Don't stock up next time and don't be around when his kids come over either. He will learn his lesson. He's taking you for granted - he knows you'll stump up the cash so he isn't bothered.

Loulou0 · 26/03/2017 16:29

Yes I'm only banging on about it because it's affecting me.. I don't understand that point. It's not up to me to fight the ex's corner. I've always told him what a mean git i think he is with his kids but ultimately it's not of my business.

OP posts:
Universitychallenging · 26/03/2017 16:30

But when someone shows you who they are. Take heed.

He's shown you. And really you knew he was like this. So now you're complaining when you're getting hit in the pocket.

How did it used to work with food for your stepkids then?

milliemolliemou · 26/03/2017 16:37

Out of interest, are you on the house deeds (you're married so fairly protected) and have you sorted wills so your children and his previous children are appropriately protected?

lyricaldancer · 26/03/2017 16:39

I thought this was going to be a thread about my stepmother, with the cats bum mouth watching even my father pay for things for me. Grin

Your DH should be paying for this I'm afraid, or at least the majority of it. I don't think you're being unreasonable at all. Why should you alone bear the burden of the extra cost.

EweAreHere · 26/03/2017 16:41

Send him to the store Friday nights to buy food for his children.
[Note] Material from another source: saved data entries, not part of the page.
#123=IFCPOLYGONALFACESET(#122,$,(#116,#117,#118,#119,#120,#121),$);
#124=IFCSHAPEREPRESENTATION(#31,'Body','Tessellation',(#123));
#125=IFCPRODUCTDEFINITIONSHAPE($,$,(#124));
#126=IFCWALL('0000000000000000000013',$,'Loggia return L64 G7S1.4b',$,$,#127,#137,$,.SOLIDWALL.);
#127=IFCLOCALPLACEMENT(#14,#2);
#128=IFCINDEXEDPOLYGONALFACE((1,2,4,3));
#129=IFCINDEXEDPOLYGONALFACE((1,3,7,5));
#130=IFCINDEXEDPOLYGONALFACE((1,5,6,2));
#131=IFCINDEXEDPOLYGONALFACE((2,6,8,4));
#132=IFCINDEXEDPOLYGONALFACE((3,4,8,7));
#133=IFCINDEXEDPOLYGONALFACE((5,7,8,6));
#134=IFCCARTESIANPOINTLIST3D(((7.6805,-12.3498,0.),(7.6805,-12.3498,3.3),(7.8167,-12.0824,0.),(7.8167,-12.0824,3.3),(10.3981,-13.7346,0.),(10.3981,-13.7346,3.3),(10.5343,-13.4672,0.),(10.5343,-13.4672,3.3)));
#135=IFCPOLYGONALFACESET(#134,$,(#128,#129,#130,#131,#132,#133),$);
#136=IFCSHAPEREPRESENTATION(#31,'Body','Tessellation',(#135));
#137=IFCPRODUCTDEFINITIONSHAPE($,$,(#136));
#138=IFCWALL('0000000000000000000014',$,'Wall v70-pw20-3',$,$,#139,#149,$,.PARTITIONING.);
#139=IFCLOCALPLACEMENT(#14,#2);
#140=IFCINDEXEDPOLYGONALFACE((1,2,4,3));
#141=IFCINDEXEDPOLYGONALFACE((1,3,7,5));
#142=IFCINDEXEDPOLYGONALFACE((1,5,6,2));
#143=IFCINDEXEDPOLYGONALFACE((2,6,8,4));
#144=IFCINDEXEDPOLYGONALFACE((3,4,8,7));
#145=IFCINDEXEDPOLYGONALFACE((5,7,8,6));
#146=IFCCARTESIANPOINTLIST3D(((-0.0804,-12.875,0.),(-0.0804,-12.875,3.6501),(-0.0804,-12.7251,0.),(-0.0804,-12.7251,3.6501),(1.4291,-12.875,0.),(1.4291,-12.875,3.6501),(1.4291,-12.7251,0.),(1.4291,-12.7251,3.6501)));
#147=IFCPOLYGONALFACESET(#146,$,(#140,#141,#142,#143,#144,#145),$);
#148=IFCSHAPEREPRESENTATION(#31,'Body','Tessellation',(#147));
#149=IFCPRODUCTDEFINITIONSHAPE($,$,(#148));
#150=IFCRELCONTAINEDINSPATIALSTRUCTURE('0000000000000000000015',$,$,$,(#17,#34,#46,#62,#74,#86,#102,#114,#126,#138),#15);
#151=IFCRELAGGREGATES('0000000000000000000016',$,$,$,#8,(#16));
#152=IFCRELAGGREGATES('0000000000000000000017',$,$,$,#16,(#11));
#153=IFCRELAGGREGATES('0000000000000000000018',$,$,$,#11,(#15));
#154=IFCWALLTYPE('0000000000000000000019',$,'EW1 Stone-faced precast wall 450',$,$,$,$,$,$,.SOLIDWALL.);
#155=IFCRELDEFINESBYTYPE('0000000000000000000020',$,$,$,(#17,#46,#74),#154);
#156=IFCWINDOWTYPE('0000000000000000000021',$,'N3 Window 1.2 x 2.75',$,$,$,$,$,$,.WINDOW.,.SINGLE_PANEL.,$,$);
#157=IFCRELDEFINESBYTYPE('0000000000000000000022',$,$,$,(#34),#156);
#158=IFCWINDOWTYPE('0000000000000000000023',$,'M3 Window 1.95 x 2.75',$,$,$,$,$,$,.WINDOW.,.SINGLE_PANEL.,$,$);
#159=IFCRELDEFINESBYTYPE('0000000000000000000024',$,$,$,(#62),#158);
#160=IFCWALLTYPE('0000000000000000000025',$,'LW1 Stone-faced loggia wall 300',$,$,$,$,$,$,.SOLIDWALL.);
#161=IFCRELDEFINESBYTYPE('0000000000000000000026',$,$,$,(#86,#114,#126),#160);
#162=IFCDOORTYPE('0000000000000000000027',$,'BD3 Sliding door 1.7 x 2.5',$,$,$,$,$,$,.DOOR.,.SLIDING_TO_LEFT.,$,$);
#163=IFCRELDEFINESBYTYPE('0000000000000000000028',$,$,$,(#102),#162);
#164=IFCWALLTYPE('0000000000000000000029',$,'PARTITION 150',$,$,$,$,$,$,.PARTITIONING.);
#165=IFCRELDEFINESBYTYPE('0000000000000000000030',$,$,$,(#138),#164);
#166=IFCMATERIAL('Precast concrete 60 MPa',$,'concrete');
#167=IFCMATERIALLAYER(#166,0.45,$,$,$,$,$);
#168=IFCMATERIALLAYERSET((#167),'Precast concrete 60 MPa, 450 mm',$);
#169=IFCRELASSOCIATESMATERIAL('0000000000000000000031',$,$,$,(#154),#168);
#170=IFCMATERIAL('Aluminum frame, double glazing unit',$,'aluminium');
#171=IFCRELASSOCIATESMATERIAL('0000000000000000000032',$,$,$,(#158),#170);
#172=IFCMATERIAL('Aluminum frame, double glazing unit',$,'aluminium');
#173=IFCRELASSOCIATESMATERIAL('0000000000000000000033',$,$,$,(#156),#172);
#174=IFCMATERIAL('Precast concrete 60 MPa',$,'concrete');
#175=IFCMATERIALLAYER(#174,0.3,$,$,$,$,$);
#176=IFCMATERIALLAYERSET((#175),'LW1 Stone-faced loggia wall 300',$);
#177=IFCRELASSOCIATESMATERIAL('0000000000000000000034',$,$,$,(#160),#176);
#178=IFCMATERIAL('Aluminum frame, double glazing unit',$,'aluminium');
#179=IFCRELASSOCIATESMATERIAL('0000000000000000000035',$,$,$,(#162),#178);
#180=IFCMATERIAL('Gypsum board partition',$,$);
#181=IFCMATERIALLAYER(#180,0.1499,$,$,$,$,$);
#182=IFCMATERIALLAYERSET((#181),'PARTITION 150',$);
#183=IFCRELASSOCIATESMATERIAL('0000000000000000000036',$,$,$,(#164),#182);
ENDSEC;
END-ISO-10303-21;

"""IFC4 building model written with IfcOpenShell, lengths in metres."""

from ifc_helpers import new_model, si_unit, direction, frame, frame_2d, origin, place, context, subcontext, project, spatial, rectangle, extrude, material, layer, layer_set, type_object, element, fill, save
georgedawes · 26/03/2017 16:43

What if something happened to you, say you were ill, would he step up and pay then or is he too tight? Surely a marriage is a partnership? Meanness is a horrible character trait.
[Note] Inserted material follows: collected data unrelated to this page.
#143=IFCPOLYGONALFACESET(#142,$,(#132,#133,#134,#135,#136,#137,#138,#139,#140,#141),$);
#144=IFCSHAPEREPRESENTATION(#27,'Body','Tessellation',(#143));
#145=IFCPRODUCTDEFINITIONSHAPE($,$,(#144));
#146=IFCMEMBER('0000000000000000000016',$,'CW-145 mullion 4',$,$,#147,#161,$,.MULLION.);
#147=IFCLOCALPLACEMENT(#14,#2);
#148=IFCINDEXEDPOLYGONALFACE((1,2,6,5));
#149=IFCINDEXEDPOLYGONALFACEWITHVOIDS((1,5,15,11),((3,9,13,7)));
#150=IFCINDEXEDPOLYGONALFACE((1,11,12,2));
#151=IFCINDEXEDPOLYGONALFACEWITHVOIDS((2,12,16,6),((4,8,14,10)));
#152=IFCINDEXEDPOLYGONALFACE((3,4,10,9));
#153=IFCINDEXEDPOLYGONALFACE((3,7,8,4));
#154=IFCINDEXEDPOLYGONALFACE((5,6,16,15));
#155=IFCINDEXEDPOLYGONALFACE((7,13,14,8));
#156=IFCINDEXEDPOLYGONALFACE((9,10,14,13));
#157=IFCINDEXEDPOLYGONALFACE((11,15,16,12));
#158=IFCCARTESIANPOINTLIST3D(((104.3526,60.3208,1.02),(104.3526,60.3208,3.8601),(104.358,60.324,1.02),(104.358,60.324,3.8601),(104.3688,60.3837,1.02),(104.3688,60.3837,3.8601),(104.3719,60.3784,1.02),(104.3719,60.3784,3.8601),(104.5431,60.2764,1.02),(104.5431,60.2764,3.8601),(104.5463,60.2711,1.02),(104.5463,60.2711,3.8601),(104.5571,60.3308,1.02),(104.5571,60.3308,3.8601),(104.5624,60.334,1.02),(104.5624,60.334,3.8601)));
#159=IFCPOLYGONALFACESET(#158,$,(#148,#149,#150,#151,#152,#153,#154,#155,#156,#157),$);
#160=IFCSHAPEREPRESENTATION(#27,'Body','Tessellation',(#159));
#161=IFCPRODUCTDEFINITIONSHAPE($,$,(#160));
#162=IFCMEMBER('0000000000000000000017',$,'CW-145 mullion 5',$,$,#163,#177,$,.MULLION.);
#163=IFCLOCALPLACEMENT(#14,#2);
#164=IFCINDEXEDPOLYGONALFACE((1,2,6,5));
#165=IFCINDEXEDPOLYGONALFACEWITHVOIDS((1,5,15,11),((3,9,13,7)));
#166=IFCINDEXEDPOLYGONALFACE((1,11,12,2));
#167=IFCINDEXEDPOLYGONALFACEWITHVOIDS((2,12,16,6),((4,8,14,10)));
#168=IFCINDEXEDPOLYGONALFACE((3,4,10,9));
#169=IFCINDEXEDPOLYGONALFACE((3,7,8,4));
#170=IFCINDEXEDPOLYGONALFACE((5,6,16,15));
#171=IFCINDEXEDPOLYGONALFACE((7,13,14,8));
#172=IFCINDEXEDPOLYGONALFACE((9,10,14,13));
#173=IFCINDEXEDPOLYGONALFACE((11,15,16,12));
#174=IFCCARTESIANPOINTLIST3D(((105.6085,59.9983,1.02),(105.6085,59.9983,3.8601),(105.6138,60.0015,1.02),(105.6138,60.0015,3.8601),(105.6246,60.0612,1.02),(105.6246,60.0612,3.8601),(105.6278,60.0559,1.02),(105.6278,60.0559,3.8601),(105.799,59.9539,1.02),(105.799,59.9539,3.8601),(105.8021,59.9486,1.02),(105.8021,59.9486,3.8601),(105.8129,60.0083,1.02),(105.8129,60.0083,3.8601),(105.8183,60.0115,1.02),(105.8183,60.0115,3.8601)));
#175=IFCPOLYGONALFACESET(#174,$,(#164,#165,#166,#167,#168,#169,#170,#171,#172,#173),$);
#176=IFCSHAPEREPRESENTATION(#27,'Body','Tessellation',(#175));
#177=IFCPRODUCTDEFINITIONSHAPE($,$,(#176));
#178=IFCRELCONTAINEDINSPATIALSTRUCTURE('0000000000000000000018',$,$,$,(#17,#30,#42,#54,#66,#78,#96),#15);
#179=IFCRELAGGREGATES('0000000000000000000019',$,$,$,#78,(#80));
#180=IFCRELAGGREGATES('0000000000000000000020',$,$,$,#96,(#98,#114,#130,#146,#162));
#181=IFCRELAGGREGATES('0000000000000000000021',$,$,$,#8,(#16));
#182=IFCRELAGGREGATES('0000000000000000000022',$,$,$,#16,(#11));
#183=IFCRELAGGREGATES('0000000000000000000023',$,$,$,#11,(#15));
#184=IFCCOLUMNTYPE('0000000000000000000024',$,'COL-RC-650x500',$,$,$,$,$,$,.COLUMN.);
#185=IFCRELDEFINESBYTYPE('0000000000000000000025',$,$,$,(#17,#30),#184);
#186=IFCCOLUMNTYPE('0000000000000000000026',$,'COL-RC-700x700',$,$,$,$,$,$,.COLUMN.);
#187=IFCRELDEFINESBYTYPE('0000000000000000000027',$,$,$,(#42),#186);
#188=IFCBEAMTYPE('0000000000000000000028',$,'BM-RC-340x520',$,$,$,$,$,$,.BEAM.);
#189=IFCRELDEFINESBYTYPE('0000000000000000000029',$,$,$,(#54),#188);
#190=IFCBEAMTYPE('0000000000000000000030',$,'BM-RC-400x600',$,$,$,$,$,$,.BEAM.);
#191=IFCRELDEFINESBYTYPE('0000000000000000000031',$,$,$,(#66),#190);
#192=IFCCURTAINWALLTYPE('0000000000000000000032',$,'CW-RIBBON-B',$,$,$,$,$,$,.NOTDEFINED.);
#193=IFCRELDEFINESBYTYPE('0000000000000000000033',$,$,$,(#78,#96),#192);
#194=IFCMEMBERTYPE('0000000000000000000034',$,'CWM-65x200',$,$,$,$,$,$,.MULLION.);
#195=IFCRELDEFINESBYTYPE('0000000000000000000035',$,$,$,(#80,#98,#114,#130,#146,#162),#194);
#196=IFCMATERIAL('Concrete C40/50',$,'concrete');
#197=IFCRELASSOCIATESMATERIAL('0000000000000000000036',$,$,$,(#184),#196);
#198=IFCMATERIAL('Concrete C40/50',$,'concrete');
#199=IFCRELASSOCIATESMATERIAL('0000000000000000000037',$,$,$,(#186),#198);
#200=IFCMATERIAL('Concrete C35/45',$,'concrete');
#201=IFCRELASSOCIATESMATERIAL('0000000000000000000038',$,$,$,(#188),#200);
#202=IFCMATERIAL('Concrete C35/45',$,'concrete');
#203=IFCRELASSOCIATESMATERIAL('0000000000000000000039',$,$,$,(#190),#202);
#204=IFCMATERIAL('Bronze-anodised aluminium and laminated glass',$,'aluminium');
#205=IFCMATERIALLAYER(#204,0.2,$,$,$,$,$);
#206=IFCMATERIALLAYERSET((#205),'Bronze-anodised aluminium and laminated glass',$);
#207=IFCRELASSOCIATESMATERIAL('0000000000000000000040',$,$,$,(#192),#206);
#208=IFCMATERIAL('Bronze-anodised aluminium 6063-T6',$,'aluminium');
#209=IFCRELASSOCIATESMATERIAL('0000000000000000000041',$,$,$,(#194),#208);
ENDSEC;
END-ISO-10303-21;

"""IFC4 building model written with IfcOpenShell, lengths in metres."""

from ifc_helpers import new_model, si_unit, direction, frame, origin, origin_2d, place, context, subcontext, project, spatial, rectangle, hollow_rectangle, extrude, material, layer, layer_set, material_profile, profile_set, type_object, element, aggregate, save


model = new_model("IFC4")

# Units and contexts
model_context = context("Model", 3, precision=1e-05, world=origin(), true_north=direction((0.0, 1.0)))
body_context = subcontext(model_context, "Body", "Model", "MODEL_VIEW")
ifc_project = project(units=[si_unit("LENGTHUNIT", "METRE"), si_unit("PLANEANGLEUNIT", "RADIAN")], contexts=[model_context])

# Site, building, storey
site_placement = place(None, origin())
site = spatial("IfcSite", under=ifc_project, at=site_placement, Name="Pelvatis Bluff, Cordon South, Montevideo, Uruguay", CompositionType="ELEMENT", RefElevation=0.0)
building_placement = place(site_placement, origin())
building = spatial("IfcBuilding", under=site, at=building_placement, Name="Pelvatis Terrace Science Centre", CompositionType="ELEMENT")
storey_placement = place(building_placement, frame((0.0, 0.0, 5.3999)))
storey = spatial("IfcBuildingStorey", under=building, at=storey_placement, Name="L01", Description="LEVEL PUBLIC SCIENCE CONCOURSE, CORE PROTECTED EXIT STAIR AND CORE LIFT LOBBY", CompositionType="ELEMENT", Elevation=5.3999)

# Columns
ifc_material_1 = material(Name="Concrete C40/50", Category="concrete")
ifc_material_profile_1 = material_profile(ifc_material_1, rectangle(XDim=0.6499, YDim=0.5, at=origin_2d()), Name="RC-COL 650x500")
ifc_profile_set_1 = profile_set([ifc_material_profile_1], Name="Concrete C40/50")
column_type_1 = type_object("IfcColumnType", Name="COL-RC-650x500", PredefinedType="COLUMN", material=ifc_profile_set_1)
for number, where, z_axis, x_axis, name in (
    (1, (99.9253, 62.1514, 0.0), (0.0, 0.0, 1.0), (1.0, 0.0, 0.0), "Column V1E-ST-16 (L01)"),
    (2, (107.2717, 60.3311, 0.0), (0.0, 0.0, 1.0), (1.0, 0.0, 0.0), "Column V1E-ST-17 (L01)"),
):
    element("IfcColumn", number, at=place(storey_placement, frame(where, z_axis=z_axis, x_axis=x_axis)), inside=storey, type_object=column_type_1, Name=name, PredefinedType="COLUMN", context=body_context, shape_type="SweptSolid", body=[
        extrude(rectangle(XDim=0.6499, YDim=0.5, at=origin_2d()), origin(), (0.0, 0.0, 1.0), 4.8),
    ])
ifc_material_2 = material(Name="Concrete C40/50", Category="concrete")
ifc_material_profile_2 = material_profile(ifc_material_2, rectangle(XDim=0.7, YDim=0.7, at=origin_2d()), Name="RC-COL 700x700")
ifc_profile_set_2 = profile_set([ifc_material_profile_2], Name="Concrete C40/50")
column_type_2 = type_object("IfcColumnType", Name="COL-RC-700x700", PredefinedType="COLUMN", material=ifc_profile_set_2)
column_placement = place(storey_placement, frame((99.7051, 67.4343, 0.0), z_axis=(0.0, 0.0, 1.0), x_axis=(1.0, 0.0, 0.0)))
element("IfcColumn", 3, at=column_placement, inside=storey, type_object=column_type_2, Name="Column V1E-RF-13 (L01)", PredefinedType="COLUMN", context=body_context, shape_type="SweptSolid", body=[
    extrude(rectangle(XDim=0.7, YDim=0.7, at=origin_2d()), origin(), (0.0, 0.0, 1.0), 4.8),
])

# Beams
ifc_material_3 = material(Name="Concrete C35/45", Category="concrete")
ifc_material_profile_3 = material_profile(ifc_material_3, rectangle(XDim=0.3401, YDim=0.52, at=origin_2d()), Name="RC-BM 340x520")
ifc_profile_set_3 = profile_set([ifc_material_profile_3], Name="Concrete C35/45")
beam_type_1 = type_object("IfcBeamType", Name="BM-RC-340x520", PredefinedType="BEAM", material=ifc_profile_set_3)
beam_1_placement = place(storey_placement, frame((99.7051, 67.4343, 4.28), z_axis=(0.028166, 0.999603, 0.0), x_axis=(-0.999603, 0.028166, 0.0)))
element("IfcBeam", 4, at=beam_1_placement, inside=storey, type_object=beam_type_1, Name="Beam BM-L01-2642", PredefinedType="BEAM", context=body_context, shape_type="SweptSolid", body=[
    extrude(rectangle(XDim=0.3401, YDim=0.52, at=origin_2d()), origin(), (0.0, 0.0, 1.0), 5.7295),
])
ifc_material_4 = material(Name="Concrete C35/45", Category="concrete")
HermioneJeanGranger · 26/03/2017 16:47

It is your business, though.

He's showing you exactly what would happen if you split up. He'd pay you the bare minimum and leave you to pick up the tab!

What a prince Hmm

Whocansay · 26/03/2017 16:49

Good result.

expatinscotland · 26/03/2017 16:58

Good! Leave the ball in his court and then walk the walk. He 'forgets' and you leave the house. Stop enabling him. Have you got your money back for what you pay out? I really hope you have a good job and keep it because he will be useless in the event of a split or illness. I'd be taking out critical care insurance and the like.
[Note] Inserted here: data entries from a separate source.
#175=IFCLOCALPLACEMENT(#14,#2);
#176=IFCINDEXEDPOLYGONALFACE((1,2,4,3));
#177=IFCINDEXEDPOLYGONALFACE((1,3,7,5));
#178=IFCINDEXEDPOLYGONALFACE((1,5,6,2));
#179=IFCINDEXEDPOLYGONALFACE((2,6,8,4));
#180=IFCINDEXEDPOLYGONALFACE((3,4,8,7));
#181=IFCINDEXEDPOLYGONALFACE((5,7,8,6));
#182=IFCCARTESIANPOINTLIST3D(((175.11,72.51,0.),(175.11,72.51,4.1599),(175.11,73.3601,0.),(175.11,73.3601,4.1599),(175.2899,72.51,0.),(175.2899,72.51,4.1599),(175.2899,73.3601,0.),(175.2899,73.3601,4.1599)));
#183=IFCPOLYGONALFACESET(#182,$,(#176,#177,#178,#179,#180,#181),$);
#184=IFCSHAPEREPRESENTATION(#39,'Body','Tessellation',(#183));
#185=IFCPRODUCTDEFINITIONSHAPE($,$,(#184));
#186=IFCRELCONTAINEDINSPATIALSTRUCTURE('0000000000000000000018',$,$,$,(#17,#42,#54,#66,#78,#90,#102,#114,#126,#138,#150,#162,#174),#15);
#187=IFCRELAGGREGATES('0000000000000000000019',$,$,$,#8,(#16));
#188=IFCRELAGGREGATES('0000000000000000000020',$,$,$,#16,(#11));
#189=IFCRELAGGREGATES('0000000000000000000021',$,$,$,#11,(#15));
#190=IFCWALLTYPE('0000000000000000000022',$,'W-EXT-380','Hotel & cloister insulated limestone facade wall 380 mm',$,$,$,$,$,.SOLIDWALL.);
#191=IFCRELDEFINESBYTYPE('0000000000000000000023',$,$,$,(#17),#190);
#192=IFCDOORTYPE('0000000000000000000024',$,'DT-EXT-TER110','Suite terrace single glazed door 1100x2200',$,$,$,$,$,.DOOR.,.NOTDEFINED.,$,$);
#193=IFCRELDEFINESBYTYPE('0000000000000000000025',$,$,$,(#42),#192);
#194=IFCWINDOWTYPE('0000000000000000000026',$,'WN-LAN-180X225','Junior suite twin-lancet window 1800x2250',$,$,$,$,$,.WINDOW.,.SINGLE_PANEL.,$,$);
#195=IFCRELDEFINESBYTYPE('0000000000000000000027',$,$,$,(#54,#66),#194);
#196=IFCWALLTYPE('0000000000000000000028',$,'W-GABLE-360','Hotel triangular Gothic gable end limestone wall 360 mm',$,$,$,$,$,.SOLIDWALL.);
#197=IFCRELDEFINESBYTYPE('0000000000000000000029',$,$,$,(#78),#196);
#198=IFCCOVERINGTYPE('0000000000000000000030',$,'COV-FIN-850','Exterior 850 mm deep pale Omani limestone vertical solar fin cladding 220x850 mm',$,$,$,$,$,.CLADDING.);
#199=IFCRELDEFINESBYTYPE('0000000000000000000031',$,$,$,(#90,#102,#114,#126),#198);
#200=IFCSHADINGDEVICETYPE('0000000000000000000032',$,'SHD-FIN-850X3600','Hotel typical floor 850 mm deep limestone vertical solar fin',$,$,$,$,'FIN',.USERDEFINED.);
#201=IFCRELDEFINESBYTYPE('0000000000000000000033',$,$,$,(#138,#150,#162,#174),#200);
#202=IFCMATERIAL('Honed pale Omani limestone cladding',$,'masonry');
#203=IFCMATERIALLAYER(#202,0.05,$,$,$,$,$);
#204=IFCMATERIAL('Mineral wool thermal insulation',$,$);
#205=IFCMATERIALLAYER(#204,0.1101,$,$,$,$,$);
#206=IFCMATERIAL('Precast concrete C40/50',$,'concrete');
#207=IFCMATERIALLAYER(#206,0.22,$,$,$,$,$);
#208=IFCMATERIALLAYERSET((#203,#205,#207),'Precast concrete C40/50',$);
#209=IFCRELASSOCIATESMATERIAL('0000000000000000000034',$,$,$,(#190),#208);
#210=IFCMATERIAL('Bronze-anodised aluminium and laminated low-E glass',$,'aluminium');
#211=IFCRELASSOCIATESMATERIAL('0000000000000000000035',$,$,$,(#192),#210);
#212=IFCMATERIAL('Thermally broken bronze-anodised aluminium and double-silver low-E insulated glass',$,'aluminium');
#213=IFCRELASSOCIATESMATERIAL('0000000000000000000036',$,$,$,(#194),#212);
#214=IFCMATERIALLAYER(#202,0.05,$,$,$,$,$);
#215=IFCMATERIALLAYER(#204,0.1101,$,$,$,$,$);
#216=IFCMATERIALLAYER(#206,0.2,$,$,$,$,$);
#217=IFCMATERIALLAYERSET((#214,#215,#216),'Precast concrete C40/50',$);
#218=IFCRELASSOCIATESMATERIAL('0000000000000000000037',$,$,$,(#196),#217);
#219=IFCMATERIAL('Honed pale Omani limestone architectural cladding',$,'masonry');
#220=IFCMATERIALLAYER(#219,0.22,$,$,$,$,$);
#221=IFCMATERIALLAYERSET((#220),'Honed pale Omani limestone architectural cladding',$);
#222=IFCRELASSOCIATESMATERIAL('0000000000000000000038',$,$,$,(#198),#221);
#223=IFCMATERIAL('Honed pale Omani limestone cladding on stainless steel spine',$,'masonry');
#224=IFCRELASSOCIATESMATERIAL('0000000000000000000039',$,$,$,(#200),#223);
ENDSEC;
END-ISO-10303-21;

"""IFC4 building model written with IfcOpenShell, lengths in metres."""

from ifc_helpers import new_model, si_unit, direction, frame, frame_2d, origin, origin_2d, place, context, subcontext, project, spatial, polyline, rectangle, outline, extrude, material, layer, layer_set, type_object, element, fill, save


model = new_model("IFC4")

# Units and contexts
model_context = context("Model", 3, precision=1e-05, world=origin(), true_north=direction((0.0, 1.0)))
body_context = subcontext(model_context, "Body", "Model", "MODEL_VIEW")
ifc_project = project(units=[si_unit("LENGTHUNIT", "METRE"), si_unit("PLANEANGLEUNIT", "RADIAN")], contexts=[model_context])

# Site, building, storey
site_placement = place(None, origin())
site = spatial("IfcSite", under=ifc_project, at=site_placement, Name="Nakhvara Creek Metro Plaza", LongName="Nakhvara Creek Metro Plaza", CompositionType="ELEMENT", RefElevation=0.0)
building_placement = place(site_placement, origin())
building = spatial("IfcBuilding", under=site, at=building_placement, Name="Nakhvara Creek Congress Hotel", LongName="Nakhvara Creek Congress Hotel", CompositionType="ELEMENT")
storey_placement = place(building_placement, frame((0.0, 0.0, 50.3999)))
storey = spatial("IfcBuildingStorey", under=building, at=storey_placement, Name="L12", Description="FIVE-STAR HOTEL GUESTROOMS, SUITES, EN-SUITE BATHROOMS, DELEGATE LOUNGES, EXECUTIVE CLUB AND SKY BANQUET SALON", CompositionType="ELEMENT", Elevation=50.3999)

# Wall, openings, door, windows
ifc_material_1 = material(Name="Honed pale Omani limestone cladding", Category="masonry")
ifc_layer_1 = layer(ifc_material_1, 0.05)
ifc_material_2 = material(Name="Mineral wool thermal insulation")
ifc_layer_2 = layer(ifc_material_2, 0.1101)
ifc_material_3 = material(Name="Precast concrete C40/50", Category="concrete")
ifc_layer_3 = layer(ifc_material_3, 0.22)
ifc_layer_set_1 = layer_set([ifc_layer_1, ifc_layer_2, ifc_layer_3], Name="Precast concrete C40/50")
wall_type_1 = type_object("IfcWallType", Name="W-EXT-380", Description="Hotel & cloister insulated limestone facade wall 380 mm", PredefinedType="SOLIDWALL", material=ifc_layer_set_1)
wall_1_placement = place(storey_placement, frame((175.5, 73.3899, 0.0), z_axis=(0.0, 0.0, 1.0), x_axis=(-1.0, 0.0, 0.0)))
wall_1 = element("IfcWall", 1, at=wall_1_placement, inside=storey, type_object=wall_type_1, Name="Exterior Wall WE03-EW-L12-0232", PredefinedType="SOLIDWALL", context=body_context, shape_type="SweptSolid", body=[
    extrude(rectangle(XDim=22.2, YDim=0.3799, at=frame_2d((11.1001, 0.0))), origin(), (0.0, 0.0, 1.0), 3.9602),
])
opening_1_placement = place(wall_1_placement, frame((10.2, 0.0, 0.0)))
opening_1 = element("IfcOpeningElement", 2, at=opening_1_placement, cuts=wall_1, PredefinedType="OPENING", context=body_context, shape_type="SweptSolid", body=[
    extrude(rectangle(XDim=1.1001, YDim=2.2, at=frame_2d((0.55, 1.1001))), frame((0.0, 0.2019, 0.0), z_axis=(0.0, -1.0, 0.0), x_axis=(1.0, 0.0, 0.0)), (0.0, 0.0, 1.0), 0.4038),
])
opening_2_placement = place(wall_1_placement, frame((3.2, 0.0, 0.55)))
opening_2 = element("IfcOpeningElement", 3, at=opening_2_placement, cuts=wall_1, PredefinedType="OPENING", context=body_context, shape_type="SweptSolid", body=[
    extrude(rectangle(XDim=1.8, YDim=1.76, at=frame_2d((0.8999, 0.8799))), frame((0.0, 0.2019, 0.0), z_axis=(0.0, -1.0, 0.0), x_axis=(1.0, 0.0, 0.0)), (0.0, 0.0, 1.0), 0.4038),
EweAreHere · 26/03/2017 17:02

I hope he's paying you back for all the weekends he 'forgot'.

70isaLimitNotaTarget · 26/03/2017 17:03

Agree with millie check the legalities of him paying the Mortgage - he can prove through bank statements that he's paid - can YOU prove through card/bank/direct debit that you've paid everything else?

He has money, his ex is "wealthy", he will have ways (and a clever Lawyer) to make sure he keeps his money.

PhaedrusRising · 26/03/2017 17:04

Glad he's agreed to direct debit.

Couldn't live like that myself tbh though.

MrsJayy · 26/03/2017 17:10

He doesn't sound that great a father tbh not even making sure there is food for them i bet he is great fun though while you cook and clean up after 5 children eow, get it sorted op he is taking you for a mug

EnormousTiger · 26/03/2017 17:14

£150 a month when the extra food is £280 is not too bad I suppose given how he is!

Is the house or flat in your joint names by the way or just his?

ItsAMessyLife · 26/03/2017 17:15

Yes I'm only banging on about it because it's affecting me.. I don't understand that point. It's not up to me to fight the ex's corner. I've always told him what a mean git i think he is with his kids but ultimately it's not of my business.

Surely the values and character of the man you chose to marry and have children with is your business?

Let's hope your relationship never breaks down because he'll most definitely be a 'mean git' towards your children.

youvegottabekiddingme · 26/03/2017 17:17

Is your name on the house deeds? Be stake sure of that otherwise he'll be owning a house while you get nothing from all these years of feeding the family.

youvegottabekiddingme · 26/03/2017 17:17

*best make sure

PyongyangKipperbang · 26/03/2017 17:30

IT never ceases to amaze me how many wives think that how he treats his ex is none of their business. It is your business because how he treats her and his older kids is how he will treat you if you split up.

You can work with tight fisted when you are living with it, but there is nothing you can do about it when you are divorcing it.

Where is all this money that he isnt spending? In savings? A pension? How is your pot for your retirement looking compared to his?